NVIDIAGameWorks / PhysX

NVIDIA PhysX SDK
Other
3.15k stars 794 forks source link

How to use Multithreading? #453

Open morphogencc opened 3 years ago

morphogencc commented 3 years ago

What is the correct way to get PhysX to take advantage of multiple threads?

I've tried using the default CPU Dispatcher:

    mDispatcher = physx::PxDefaultCpuDispatcherCreate(mNumberOfThreads);

    physx::PxSceneDesc sceneDesc(mPhysics->getTolerancesScale());
    sceneDesc.cpuDispatcher = mDispatcher;
    sceneDesc.filterShader = physx::PxDefaultSimulationFilterShader;

    mScene = mPhysics->createScene(sceneDesc);

And I compared performance by setting mNumberOfThreads to 1, 8, and 16 -- with no performance difference at all. So it seems like setting the number of threads isn't enough. Does PhysX natively optimize for multiple threads, or does pretty much all multithreading have to be a result of me manually creating PxTasks? And is there a simple example of how this works? I found the Submarine sample uses PxTask, but it's a bit dense -- it'd be great if there was something simpler. I have a number of overlap queries running in my simulation that I'd love to put on separate threads if I can!

PierreTerdiman commented 3 years ago

Does PhysX natively optimize for multiple threads,

Yes, but only for the simulation itself.
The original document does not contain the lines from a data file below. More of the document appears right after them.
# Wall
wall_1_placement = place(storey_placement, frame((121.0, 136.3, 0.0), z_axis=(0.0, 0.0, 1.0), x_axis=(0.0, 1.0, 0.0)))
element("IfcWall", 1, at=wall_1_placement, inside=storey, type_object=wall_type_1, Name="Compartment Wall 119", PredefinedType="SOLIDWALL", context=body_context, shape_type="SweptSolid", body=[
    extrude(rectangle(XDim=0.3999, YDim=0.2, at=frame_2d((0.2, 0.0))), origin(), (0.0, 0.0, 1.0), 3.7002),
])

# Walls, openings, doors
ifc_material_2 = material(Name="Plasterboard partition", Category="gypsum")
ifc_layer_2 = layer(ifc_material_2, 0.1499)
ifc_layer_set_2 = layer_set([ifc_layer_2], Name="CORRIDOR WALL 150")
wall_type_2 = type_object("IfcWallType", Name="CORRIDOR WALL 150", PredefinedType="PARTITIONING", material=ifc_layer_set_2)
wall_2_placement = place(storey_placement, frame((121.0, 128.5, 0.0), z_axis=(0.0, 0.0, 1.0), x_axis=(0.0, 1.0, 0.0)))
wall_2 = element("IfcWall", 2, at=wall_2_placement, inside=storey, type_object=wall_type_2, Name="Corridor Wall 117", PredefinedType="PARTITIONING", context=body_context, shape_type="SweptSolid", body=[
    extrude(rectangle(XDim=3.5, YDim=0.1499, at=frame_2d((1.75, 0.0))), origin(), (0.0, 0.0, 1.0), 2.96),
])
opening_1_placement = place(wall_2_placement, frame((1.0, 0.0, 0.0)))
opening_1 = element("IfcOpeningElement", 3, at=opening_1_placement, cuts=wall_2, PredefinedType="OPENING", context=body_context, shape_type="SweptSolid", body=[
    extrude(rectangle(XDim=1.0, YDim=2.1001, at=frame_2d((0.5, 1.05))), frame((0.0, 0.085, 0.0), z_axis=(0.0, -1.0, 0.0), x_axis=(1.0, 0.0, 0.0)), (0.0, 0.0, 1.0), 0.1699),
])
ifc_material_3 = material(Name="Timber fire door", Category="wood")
For scene queries you have to do it yourself. So if you only have overlap queries, and you only call e.g. PxScene::overlap(), then it is normal that the above code won't help.

I have a number of overlap queries running in my simulation that I'd love to put on separate threads if I can!

You can. Just do so. Call PxScene::overlap() from separate threads. But you have to manage these threads yourself. You can call these scene queries while PxScene::simulate() is running, but not during PxScene::fetchResults().

You could potentially use PxTask for this I think, but you don't have to - just create N threads, run your overlaps there, done.

morphogencc commented 3 years ago

@PierreTerdiman Thanks!

In my current simulation I have ~50-60 objects being simulated (gravity + interactive forces) but don't see any performance increase when I change my CPU Dispatcher from 1 thread to 16 threads -- does this still seem normal? I don't have a sense if this is "a lot" of objects, or if this is so few that the number of threads likely don't matter.

PierreTerdiman commented 3 years ago

Sounds like it's just too few objects, especially if they're simple one-actor-with-one-shape objects.

Multithreading has some overhead to manage threads etc, so with small scenes it's actually quite possible (and normal) that a single-threaded setup can actually run faster.

Performance will also ultimately depend on what's happening in your scene. If you have 60 objects not colliding with each other and resting on a plane for example, they're probably all "sleeping" and the SDK has no work to do anyway. But if they're all moving and colliding in a pile, there's more contact generation to deal with and multiple threads might start to help here. But even in this case 60 objects is probably not enough.

Try with 600 or even 6000 objects instead of 60, and you should see benefits from the multi-threaded setup...

PierreTerdiman commented 3 years ago

I don't have a sense if this is "a lot" of objects

It's not. Again, ultimately how many objects you can deal with depends on how complex each object is, but if we're talking about simple rigid bodies here's an old video of mine that could give you a better idea of how many objects PhysX can deal with: https://www.youtube.com/watch?v=6dATi4-wb3o

And if we're talking GPU rigid bodies the limit is a lot higher. See this video from 2018 (we could probably do more today): https://www.youtube.com/watch?v=TAlqJlIDef8

morphogencc commented 3 years ago

@PierreTerdiman thanks so much! It looks like the physics simulation isn't actually the bottleneck in my app, but this was all very helpful for me to better understand how the engine handles multithreading.

Is the primary advantage of PxTask that PhysX manages the threads for you? Is there any other reason I should prefer PxTask for specific tasks over spawning / joining my own threads?